I am just wondering if that app is worth buying? Any info would be great.


----------



## Salmonid (Apr 14, 2004)

I have it its pretty cool, only thing I don't like is that you can only zoom in so far to mark a spot, best if your on the waypoint and then mark it, that's way more accurate then eyeballing one. But of course Im sure that's why the map programs are 100+ dollars vs 9.99 for the phone version.
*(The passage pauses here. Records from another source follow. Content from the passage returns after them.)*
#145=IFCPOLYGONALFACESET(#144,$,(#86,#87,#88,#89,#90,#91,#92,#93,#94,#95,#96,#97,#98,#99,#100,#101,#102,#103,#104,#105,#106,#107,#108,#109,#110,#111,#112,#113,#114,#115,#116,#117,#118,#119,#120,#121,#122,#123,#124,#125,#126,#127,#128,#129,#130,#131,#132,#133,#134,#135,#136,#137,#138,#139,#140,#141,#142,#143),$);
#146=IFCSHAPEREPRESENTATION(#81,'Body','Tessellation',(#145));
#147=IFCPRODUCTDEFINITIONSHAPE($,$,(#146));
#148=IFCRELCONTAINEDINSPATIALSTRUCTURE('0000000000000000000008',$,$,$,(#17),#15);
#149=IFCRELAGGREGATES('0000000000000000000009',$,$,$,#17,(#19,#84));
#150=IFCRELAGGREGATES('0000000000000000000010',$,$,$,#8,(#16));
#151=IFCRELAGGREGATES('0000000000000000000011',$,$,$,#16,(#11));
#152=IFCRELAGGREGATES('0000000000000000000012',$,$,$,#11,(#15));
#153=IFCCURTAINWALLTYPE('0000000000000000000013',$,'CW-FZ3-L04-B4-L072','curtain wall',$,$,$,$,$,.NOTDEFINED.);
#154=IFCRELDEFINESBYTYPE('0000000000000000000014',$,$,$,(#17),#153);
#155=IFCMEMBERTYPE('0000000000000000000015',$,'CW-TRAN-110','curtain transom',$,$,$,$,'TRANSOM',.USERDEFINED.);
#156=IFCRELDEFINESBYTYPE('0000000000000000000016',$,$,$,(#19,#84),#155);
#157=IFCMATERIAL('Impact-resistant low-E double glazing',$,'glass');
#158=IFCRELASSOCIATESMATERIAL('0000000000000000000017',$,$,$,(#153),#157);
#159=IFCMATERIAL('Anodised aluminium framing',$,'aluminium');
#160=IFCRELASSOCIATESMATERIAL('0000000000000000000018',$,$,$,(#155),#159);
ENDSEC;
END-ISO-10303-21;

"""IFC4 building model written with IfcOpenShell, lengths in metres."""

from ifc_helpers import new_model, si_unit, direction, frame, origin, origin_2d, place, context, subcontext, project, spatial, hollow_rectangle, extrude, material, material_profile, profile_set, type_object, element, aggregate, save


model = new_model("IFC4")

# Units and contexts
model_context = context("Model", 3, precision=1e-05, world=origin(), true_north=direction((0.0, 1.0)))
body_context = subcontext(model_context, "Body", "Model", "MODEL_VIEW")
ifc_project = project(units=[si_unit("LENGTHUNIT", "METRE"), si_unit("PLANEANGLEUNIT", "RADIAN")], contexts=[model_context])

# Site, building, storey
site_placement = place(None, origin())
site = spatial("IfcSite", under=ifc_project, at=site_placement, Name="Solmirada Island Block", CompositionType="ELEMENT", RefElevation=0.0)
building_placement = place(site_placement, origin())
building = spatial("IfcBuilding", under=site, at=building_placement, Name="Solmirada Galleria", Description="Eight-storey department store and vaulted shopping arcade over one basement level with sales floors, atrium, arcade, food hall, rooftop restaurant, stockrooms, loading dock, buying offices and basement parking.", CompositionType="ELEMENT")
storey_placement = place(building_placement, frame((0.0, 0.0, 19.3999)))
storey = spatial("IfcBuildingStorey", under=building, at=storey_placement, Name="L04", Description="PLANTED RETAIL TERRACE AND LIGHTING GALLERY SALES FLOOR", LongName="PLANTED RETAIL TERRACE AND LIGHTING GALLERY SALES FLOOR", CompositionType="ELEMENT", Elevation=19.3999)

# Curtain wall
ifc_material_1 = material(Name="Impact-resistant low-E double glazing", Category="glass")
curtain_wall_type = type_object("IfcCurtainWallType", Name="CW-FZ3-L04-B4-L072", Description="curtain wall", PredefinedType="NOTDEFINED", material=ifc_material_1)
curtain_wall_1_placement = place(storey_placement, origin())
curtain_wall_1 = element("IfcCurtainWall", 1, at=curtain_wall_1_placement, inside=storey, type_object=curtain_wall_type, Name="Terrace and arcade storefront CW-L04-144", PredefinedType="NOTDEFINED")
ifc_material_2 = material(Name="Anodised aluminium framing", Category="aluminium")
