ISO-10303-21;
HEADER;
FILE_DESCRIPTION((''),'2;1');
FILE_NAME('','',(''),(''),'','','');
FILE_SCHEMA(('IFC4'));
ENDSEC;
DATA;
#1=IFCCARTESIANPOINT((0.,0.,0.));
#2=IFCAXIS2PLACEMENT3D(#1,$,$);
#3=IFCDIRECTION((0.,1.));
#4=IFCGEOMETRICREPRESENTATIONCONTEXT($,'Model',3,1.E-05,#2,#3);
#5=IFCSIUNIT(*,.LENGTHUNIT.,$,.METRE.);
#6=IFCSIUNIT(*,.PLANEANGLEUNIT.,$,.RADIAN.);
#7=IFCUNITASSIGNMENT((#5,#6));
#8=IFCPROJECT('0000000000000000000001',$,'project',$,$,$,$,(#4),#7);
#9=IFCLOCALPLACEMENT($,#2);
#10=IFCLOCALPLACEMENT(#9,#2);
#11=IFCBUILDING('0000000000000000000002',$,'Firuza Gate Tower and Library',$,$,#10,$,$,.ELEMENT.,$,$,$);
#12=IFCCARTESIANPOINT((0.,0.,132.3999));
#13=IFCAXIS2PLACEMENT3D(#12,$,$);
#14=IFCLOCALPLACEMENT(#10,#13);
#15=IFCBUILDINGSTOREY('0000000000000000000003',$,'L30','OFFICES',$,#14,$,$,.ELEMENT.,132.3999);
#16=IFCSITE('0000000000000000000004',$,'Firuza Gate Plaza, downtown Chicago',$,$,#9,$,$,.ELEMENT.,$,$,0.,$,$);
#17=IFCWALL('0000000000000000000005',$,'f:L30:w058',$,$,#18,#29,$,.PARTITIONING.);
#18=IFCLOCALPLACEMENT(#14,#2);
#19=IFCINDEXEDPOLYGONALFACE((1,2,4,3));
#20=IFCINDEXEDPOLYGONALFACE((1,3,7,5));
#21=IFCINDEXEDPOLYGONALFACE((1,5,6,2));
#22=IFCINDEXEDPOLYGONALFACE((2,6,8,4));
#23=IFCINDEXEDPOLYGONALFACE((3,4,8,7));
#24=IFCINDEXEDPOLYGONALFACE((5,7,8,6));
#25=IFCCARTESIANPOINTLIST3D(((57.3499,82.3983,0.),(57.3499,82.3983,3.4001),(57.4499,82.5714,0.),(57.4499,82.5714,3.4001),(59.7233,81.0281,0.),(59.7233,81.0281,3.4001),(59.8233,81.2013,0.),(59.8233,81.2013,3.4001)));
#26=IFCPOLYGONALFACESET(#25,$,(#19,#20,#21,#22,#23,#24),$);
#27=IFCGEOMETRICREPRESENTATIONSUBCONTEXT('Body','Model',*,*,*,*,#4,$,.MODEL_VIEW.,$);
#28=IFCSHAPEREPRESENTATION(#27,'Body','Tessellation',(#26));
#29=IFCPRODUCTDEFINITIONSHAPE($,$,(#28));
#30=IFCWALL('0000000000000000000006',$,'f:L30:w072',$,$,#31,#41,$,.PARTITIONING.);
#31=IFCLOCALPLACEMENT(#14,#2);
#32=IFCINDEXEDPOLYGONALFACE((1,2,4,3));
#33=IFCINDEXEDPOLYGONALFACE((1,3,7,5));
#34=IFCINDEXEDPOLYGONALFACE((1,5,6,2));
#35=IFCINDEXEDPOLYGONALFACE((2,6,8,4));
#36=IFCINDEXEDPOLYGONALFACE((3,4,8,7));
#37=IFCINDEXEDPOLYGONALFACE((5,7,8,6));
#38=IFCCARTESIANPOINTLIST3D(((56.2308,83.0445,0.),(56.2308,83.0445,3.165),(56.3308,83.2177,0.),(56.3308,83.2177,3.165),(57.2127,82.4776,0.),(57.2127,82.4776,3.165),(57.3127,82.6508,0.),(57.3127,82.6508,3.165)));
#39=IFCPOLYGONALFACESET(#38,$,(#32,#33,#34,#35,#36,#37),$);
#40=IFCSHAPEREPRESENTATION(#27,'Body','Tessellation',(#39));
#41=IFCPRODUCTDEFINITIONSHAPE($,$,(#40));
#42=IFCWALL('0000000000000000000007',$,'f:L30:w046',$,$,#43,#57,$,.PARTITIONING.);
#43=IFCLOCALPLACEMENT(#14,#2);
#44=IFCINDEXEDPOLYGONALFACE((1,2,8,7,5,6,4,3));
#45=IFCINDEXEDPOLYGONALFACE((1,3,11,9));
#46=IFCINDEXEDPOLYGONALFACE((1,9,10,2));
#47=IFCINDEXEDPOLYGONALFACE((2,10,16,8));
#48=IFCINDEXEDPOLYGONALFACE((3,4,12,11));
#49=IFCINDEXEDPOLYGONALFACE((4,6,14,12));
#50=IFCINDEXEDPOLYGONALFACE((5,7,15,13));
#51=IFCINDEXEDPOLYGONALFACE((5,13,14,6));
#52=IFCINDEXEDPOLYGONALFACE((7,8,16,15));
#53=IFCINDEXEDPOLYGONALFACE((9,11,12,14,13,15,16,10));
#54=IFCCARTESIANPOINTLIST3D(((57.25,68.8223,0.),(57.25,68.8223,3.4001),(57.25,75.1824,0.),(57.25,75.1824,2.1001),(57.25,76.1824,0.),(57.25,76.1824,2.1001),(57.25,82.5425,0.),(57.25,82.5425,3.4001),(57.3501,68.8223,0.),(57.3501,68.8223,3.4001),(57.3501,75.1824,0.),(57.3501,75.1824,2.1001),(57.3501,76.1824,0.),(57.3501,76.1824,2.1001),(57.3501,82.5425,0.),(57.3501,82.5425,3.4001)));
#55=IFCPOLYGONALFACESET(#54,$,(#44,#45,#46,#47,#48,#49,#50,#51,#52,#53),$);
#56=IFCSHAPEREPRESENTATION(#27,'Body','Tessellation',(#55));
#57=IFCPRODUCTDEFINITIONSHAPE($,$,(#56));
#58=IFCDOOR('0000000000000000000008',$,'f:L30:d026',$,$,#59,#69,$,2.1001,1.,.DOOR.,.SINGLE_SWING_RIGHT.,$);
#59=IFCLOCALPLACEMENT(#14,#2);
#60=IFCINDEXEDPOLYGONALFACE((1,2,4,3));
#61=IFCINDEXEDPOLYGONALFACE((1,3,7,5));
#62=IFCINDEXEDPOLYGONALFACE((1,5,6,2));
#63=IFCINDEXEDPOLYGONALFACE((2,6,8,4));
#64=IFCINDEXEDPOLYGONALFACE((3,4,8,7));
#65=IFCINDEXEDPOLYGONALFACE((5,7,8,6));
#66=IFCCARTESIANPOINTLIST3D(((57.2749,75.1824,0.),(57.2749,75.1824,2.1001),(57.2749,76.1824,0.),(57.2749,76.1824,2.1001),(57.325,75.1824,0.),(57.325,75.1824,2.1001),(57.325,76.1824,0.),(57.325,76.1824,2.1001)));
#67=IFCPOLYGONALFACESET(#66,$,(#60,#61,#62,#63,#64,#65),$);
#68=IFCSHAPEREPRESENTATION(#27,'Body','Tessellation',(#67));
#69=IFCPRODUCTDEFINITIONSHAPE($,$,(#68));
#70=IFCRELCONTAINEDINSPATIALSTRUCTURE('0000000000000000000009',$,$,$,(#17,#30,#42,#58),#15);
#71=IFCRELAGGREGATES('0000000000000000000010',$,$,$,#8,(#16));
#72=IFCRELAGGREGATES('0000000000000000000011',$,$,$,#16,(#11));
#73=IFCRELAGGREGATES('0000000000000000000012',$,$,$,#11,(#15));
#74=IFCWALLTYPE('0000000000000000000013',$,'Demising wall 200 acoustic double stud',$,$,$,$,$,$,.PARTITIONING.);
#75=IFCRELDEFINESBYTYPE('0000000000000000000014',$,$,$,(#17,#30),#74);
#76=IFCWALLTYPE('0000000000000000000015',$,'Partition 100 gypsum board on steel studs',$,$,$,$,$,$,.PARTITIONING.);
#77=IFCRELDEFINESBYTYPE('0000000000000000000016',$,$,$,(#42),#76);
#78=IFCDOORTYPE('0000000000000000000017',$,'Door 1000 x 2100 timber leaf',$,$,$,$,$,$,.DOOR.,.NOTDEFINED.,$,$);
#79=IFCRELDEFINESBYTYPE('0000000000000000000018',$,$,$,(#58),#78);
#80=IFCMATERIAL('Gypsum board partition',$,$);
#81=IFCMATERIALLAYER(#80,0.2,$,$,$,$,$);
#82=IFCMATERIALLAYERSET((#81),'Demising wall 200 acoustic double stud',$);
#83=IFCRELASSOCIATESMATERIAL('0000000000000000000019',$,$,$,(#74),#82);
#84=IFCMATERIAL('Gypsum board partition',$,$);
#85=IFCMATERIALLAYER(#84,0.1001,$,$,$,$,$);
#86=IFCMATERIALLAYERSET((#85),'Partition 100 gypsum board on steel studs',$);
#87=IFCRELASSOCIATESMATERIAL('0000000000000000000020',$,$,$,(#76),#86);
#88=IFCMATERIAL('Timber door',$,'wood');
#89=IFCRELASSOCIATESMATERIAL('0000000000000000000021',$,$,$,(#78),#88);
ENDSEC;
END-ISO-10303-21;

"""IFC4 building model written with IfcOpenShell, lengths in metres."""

from ifc_helpers import new_model, si_unit, direction, frame, frame_2d, origin, place, context, subcontext, project, spatial, rectangle, extrude, material, layer, layer_set, type_object, element, fill, save


model = new_model("IFC4")

# Units and contexts
model_context = context("Model", 3, precision=1e-05, world=origin(), true_north=direction((0.0, 1.0)))
body_context = subcontext(model_context, "Body", "Model", "MODEL_VIEW")
ifc_project = project(units=[si_unit("LENGTHUNIT", "METRE"), si_unit("PLANEANGLEUNIT", "RADIAN")], contexts=[model_context])

# Site, building, storey
site_placement = place(None, origin())
site = spatial("IfcSite", under=ifc_project, at=site_placement, Name="Firuza Gate Plaza, downtown Chicago", CompositionType="ELEMENT", RefElevation=0.0)
building_placement = place(site_placement, origin())
building = spatial("IfcBuilding", under=site, at=building_placement, Name="Firuza Gate Tower and Library", CompositionType="ELEMENT")
storey_placement = place(building_placement, frame((0.0, 0.0, 132.3999)))
storey = spatial("IfcBuildingStorey", under=building, at=storey_placement, Name="L30", Description="OFFICES", CompositionType="ELEMENT", Elevation=132.3999)

# Walls
ifc_material_1 = material(Name="Gypsum board partition")
ifc_layer_1 = layer(ifc_material_1, 0.2)
ifc_layer_set_1 = layer_set([ifc_layer_1], Name="Demising wall 200 acoustic double stud")
wall_type_1 = type_object("IfcWallType", Name="Demising wall 200 acoustic double stud", PredefinedType="PARTITIONING", material=ifc_layer_set_1)
wall_1_placement = place(storey_placement, frame((59.7732, 81.1147, 0.0), z_axis=(0.0, 0.0, 1.0), x_axis=(-0.866042, 0.499972, 0.0)))
element("IfcWall", 1, at=wall_1_placement, inside=storey, type_object=wall_type_1, Name="f:L30:w058", PredefinedType="PARTITIONING", context=body_context, shape_type="SweptSolid", body=[
    extrude(rectangle(XDim=2.7405, YDim=0.2, at=frame_2d((1.3701, 0.0))), origin(), (0.0, 0.0, 1.0), 3.4001),
])
wall_2_placement = place(storey_placement, frame((57.2627, 82.5642, 0.0), z_axis=(0.0, 0.0, 1.0), x_axis=(-0.866035, 0.499983, 0.0)))
element("IfcWall", 2, at=wall_2_placement, inside=storey, type_object=wall_type_1, Name="f:L30:w072", PredefinedType="PARTITIONING", context=body_context, shape_type="SweptSolid", body=[
    extrude(rectangle(XDim=1.1338, YDim=0.2, at=frame_2d((0.5669, 0.0))), origin(), (0.0, 0.0, 1.0), 3.165),
])

# Wall, opening, door
ifc_material_2 = material(Name="Gypsum board partition")
ifc_layer_2 = layer(ifc_material_2, 0.1001)
ifc_layer_set_2 = layer_set([ifc_layer_2], Name="Partition 100 gypsum board on steel studs")
wall_type_2 = type_object("IfcWallType", Name="Partition 100 gypsum board on steel studs", PredefinedType="PARTITIONING", material=ifc_layer_set_2)
wall_3_placement = place(storey_placement, frame((57.3, 82.5425, 0.0), z_axis=(0.0, 0.0, 1.0), x_axis=(0.0, -1.0, 0.0)))
wall_3 = element("IfcWall", 3, at=wall_3_placement, inside=storey, type_object=wall_type_2, Name="f:L30:w046", PredefinedType="PARTITIONING", context=body_context, shape_type="SweptSolid", body=[
    extrude(rectangle(XDim=13.7202, YDim=0.1001, at=frame_2d((6.8601, 0.0))), origin(), (0.0, 0.0, 1.0), 3.4001),
])
opening_1_placement = place(wall_3_placement, frame((6.3601, 0.0, 0.0)))
opening_1 = element("IfcOpeningElement", 4, at=opening_1_placement, cuts=wall_3, PredefinedType="OPENING", context=body_context, shape_type="SweptSolid", body=[
    extrude(rectangle(XDim=1.0, YDim=2.1001, at=frame_2d((0.5, 1.05))), frame((0.0, 0.0601, 0.0), z_axis=(0.0, -1.0, 0.0), x_axis=(1.0, 0.0, 0.0)), (0.0, 0.0, 1.0), 0.1201),
])
ifc_material_3 = material(Name="Timber door", Category="wood")
door_type_1 = type_object("IfcDoorType", Name="Door 1000 x 2100 timber leaf", OperationType="NOTDEFINED", PredefinedType="DOOR", material=ifc_material_3)
door_1_placement = place(opening_1_placement, origin())
door_1 = element("IfcDoor", 5, at=door_1_placement, inside=storey, type_object=door_type_1, Name="f:L30:d026", OperationType="SINGLE_SWING_RIGHT", OverallHeight=2.1001, OverallWidth=1.0, PredefinedType="DOOR", context=body_context, shape_type="SweptSolid", body=[
    extrude(rectangle(XDim=1.0, YDim=2.1001, at=frame_2d((0.5, 1.05))), frame((0.0, 0.0249, 0.0), z_axis=(0.0, -1.0, 0.0), x_axis=(1.0, 0.0, 0.0)), (0.0, 0.0, 1.0), 0.05),
])
fill(opening_1, door_1)

save(model, "model.ifc")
Still worth every penny...
Salmonid


----------



## whodeynati (Mar 12, 2012)

I wish it compatible with the S4. I would have got it months ago.


----------



## Salmonid (Apr 14, 2004)

what is S4? I have it on my Iphone 4 and it works fine..

Salmonid


----------



## whodeynati (Mar 12, 2012)

Samsung Galaxy s4. I seen people have given reviews with the phone, but I email Navionics and they advised against downloading it?


----------



## ranger373v (Oct 26, 2012)

I just use the free web app. Unless i got my humminbird!


----------



## Pikedaddy (Jul 20, 2005)

Salmonid said:


> I have it its pretty cool, only thing I don't like is that you can only zoom in so far to mark a spot, best if your on the waypoint and then mark it, that's way more accurate then eyeballing one. But of course Im sure that's why the map programs are 100+ dollars vs 9.99 for the phone version. Still worth every penny...
> Salmonid


 Thanks for the info. For only 10 bucks I will check it out.


----------



## KirtH (Apr 13, 2012)

Yes I have it on my Android 4GLTE, awesome app well worth the money.


----------



## vibe (Jan 12, 2011)

Well worth it!!!!!

Sent from my LG-L38C using Ohub Campfire mobile app


----------



## puge (May 14, 2009)

whodeynati said:


> Samsung Galaxy s4. I seen people have given reviews with the phone, but I email Navionics and they advised against downloading it?


I have been using it on my Galaxy s4 since September with no problems. I actually like it more than the computer App.


----------